A positive identification with Europe and the EU will advance the notion of ‘weness‘ and bolster the belief in belonging to the same whole.1 This will lead to the perception that it is not necessarily a zero-sum game between Brussels and the national capital and that instead the two sides can equally benefit from the transfer of competencies to the supranational level. A negative identification with Europe, on the other hand, will provoke a threat to the actor’s ontological security. A disparity in corporate identities between the EU and the member state will lead the masses to restrict the inclusive concept of ‘we-ness‘ to those sharing the same national affinity. The perception will be that some of the national sovereign rights are ‘surrendered to the “others”, which do not share the same identity with “us”‘ (Koenig-Archibugi 2004, 146). For actors with weak European identification, the EU, as a polity in the making, will be perceived as a threat both to the decisionmaking autonomy of national institutions and to the core values of national identity and sovereignty (Marks and Hooghe 2003; Risse 2002).

One particular arena that conveys and shapes discussions on the construction of political identity is political parties.

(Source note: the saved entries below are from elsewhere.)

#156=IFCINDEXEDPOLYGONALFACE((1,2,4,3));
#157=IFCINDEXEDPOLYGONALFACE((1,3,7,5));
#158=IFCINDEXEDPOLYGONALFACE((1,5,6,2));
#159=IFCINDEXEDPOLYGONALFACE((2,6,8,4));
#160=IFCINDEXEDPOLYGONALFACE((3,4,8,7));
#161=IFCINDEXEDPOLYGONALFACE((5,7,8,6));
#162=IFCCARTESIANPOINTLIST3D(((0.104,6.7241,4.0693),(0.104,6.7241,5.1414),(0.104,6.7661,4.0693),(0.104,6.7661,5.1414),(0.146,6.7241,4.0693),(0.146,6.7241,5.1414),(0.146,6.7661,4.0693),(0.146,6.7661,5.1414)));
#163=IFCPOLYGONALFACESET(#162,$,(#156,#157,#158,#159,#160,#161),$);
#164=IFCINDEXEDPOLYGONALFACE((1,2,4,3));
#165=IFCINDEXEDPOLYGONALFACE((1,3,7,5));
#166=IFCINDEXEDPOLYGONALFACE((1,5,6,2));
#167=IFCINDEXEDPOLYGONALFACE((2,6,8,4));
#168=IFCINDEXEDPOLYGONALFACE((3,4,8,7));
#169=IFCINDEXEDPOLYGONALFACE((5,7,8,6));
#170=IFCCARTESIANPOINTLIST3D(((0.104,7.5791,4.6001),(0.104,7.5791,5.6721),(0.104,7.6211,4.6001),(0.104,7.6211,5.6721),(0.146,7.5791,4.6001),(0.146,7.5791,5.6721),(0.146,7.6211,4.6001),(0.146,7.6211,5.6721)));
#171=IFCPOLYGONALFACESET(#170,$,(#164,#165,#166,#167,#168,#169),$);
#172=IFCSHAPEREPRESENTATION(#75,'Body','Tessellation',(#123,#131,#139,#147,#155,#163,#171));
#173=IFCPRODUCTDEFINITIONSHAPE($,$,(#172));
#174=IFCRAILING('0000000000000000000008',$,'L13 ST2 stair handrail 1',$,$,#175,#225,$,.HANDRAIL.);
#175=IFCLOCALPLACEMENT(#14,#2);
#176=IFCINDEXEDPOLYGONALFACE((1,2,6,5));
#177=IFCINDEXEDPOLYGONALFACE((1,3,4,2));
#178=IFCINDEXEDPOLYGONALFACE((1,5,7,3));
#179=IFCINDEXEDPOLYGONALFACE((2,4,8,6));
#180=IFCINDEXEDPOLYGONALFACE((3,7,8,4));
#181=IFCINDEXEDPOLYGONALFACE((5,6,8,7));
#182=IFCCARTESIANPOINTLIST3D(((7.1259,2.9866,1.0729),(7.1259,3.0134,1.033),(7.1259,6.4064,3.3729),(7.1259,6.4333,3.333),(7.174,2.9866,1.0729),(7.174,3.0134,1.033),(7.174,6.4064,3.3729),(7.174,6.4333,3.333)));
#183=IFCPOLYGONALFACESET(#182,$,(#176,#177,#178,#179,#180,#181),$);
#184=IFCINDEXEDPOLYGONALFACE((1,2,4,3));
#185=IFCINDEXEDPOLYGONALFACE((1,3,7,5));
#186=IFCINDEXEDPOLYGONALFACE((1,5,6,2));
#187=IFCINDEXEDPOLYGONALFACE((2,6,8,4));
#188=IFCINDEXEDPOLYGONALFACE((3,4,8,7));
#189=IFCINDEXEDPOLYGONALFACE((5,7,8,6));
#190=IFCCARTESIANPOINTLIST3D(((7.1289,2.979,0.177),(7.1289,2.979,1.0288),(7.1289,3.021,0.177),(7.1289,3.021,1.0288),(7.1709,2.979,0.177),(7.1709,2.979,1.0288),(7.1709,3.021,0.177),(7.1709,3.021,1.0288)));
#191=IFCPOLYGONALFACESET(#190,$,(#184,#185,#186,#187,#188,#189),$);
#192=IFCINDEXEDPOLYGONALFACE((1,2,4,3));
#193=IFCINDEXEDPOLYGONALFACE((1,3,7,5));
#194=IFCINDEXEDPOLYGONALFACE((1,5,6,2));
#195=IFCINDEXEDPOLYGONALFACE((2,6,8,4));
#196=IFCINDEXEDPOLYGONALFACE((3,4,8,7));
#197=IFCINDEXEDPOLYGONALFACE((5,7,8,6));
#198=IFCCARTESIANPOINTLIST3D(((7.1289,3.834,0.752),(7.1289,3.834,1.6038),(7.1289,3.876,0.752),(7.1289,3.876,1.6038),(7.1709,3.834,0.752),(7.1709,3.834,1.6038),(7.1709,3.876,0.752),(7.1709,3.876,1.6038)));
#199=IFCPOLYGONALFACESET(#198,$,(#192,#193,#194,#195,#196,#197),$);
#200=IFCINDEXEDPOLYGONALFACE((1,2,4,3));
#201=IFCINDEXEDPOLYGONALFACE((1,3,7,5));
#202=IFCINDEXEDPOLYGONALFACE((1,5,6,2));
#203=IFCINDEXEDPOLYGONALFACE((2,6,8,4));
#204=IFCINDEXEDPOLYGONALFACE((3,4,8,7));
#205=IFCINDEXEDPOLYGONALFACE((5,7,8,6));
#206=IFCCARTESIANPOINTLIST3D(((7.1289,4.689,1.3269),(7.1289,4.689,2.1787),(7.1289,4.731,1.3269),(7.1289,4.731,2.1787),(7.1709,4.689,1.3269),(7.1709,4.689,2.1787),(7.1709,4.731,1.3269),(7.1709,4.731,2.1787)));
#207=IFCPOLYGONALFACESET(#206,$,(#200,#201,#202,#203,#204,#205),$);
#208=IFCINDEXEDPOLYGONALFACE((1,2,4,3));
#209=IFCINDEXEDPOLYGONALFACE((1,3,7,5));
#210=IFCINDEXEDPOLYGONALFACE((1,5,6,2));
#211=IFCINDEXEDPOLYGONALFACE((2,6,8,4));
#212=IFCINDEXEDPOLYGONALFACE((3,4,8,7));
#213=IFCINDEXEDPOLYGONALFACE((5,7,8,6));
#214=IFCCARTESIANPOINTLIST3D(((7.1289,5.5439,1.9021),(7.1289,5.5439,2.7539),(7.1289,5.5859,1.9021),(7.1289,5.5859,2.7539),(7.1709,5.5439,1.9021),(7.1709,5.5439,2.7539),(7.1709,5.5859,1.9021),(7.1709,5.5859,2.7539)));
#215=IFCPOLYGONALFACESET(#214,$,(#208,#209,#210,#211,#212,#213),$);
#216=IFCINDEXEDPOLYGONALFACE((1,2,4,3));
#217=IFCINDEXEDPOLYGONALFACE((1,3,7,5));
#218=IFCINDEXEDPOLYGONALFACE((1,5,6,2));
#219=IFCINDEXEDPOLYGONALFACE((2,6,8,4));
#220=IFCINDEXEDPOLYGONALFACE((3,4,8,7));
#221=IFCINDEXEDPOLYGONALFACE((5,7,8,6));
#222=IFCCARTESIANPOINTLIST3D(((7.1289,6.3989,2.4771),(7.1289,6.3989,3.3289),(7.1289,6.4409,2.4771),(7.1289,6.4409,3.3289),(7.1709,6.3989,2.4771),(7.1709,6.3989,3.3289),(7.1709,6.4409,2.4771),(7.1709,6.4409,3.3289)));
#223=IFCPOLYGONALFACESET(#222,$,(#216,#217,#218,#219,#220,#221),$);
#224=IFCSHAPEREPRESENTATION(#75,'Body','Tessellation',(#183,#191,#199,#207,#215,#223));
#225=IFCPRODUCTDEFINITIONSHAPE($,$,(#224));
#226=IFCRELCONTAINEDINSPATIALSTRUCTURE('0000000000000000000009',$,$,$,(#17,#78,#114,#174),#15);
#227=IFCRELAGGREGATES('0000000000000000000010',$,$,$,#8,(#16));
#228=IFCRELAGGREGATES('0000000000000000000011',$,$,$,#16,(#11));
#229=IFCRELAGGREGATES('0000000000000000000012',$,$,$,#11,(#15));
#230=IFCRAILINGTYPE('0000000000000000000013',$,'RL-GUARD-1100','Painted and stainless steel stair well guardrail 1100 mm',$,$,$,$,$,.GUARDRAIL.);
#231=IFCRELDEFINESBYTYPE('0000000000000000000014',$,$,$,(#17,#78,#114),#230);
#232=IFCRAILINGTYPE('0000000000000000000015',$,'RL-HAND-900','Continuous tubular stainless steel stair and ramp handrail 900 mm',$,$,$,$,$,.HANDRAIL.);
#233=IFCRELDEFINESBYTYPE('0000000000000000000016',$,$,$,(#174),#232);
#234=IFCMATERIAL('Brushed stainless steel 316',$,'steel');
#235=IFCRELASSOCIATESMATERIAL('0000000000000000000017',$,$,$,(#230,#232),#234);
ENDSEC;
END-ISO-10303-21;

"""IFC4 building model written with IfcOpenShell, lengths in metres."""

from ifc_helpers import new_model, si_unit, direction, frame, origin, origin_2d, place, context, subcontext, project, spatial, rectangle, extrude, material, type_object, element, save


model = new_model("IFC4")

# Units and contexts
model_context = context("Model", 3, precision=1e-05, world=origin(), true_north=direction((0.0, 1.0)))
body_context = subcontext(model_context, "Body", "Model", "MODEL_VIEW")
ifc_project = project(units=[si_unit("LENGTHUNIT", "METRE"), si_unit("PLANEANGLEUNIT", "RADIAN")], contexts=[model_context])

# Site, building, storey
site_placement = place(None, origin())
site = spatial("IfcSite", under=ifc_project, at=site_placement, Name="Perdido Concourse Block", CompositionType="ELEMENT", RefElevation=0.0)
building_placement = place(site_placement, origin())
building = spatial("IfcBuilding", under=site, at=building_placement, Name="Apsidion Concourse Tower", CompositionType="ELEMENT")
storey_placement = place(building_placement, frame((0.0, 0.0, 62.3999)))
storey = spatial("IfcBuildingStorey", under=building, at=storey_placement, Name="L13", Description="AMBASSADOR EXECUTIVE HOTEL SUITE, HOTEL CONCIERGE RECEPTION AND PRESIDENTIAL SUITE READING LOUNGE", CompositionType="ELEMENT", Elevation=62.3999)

Political parties in parliamentary democracies have an important leverage in foreign policy decisions. They can influence leaders’ abilities to construct domestic coalitions for the implementations of policies or to reject or change foreign policy proposals in parliament (Katzenstein 1996, 8). If elected, they form governments that will be expected to execute policies in line with electoral preferences and sensitivities, as any disparity between the two may result in a letdown in the next elections. At the same time, political parties present issues of national and international politics to a wider audience and thus influence the formation of public opinion (Zaller 1992; Ray 2003). In situations where the public is disinterested or ill informed, or the issue is of a complex nature, as European integration tends to be, the parties can also cue the electorate and supplement them with heuristic devices through which they can make sense of the issue and form an opinion (Steenbergen et al 2007; Hooghe and Marks 2008).

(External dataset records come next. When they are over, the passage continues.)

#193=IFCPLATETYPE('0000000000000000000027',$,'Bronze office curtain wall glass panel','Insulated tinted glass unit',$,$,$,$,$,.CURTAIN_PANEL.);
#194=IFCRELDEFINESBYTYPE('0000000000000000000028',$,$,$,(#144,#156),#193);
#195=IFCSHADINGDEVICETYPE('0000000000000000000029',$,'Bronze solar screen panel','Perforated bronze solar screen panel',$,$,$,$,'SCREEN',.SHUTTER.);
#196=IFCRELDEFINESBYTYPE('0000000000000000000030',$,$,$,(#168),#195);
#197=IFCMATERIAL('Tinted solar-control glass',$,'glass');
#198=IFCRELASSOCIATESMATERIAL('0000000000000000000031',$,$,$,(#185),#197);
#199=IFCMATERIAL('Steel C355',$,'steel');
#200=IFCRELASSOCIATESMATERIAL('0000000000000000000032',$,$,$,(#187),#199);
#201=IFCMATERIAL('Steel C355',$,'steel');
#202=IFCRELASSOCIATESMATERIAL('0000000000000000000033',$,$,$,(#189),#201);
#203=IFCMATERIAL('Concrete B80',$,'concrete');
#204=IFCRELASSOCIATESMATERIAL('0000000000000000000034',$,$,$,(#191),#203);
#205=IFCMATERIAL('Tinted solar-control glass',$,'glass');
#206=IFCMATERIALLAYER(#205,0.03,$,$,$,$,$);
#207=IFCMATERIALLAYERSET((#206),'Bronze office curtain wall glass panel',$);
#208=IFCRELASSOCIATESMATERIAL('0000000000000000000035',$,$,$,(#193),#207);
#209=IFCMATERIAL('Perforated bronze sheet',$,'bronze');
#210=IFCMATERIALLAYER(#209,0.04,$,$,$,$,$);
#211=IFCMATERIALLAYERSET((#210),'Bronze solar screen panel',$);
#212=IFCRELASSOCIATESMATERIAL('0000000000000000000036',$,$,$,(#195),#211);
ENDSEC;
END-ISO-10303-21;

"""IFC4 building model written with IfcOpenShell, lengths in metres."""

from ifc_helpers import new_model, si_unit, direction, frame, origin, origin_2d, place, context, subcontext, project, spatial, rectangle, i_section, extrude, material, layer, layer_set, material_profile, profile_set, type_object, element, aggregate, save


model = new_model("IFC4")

From these premises, we can infer that political parties are influential mediums in the construction and reproduction of political discourse towards European integration from the mould of a broader social culture and identity embedded in a given polity. Political parties engage in this construction process through framing narratives belonging to Europe and the national polity as specific models that are consistent with their ideational orientation as well as the cultural and political orientation of the society, and call on the electorate to take a position. By inducing certain frames, ‘patterns of presentation, of selection, emphasis and exclusion‘ (Gitlin 1980, 7) which ‘define problems‘ (Entman 1993, 52), political parties set the parameters within which the electorate evaluate the question of European integration (Bleich 2003; Medrano 2003). Depending on the identity they represent, political parties can choose to frame European integration either in a discourse that will promote more supranational integration, by which a portion of national sovereignty would be transferred to Brussels, or more

1 According to Karl Deutsch, we-feeling is an essential part of a sense of community which he defines as ‘a matter of mutual sympathy and loyalties; trust and mutual consideration; of partial identification in terms of self-images and interests; of mutually successful predictions of behaviour, and of co-operative action in accordance with it’ (Deutsch et al 1957, 36).